'Army Wives' author reaches out to fellow spouses

By Bob Mathews, DFMWR Marketing Publicity SpecialistAugust 20, 2009

(Photo Credit: U.S. Army) VIEW ORIGINAL

<B>FORT STEWART, Ga.</B>-- Tanya Biank, whose book "Army Wives" inspired the No. 1-rated Lifetime TV network show of the same name, will experience the same hurt and pain of separation as other 3rd ID families when the division deploys in less than two months.

Her husband, Lt. Col. Michael A. Marti, the division G2, and her sister, Lt. Col. Maria A. Biank, the division G6, will deploy from Fort Stewart with the division.

Although an officer's wife Biank points out that separation pains are the same for all.

"Whether you are a private's wife or a colonel's wife, it still feels the same to have your husband deploy. You have that same hurt when they are away, when your loved one's away and it harm's way," she said.

Regular back-to-back deployments with varying lengths and currently no end in sight are major issue facing today's military, said Biank.

"It's tough. It's tough enough to go through a 12 or 15-month deployment, but to know that after your spouse comes back, in another year, he might be going back for 12 months or so, that's very tough on families," said Biank.

"It can be tough to be a family during war, because you get married to be together, right' You have a family so you can raise your kids together. And so that's a big challenge.

Biank does believe, however, that after several years of Soldiers' deployments, the military has gotten better about handling the separations, citing the many great programs the Army offers spouses and families.

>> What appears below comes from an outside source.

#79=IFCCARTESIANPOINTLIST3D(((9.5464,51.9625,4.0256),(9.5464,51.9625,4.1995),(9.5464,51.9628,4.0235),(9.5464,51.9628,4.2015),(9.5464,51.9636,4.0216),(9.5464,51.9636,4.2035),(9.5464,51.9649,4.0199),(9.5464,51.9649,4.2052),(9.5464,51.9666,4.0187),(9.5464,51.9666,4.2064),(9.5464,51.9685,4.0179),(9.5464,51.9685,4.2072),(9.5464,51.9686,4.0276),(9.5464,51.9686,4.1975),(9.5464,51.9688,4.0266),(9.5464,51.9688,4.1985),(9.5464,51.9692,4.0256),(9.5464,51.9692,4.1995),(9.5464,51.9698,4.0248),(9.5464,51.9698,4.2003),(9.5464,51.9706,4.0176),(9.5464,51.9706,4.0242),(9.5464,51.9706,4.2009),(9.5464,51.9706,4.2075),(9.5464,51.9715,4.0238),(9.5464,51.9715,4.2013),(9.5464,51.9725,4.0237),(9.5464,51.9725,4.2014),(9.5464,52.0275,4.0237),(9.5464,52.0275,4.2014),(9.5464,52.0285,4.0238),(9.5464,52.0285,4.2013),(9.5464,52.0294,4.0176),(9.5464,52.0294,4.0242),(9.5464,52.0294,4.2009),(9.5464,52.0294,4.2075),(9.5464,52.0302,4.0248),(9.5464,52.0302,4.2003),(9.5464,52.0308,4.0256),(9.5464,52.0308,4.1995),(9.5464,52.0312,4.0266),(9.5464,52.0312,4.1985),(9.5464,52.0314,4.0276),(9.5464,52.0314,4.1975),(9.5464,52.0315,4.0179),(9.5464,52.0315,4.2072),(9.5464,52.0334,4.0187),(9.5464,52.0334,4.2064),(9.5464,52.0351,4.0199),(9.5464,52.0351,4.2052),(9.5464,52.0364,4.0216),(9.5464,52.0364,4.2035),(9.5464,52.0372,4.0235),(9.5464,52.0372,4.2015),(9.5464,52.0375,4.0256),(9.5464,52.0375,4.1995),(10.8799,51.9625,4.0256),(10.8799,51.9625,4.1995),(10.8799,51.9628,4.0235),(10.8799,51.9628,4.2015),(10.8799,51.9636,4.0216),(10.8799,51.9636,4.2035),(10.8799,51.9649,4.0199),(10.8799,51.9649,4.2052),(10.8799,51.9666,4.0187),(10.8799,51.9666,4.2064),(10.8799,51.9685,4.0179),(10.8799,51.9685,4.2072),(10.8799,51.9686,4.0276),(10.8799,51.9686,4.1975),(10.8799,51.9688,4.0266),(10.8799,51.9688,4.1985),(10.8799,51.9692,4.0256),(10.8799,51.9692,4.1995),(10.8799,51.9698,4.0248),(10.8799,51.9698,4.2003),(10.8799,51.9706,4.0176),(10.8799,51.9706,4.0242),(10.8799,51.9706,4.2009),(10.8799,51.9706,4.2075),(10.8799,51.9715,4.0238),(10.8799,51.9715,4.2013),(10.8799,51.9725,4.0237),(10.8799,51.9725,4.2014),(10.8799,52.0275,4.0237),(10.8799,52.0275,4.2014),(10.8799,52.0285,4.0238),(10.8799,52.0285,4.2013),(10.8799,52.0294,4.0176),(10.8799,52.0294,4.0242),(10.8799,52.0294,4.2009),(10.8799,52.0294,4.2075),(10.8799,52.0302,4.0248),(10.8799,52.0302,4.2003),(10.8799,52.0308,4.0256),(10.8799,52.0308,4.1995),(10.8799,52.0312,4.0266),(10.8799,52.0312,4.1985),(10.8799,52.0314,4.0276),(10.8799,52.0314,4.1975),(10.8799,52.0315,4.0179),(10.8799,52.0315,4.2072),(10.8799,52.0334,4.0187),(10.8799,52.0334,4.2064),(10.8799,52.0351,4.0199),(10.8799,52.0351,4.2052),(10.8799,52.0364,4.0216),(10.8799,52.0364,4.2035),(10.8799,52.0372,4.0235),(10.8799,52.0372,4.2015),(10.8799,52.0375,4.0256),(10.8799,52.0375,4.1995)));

"There was a time," she said, "when it was confusing because everybody, every agency was doing their own thing to try to help military families, and it was confusing to the spouse to know where to go."

"I think the Army realizes this is an important thing to deal with, because as they say, 'You enlist a soldier, but you re-enlist a family.'"

Biank added that maintaining and retaining the Army's force comes down to spouse and family support.

"Fort Stewart has wonderful quality of life programs for the family," said Biank. "It's a great post for families, and I have been very impressed with that."

Biank and her family, who moved here from Virginia, have been at Fort Stewart for over a year.

"Fort Stewart is its own kind of oasis here. If there isn't something off-post, they have created it here on post and it's a special place. There are so many resources on post, and it's all free," she said.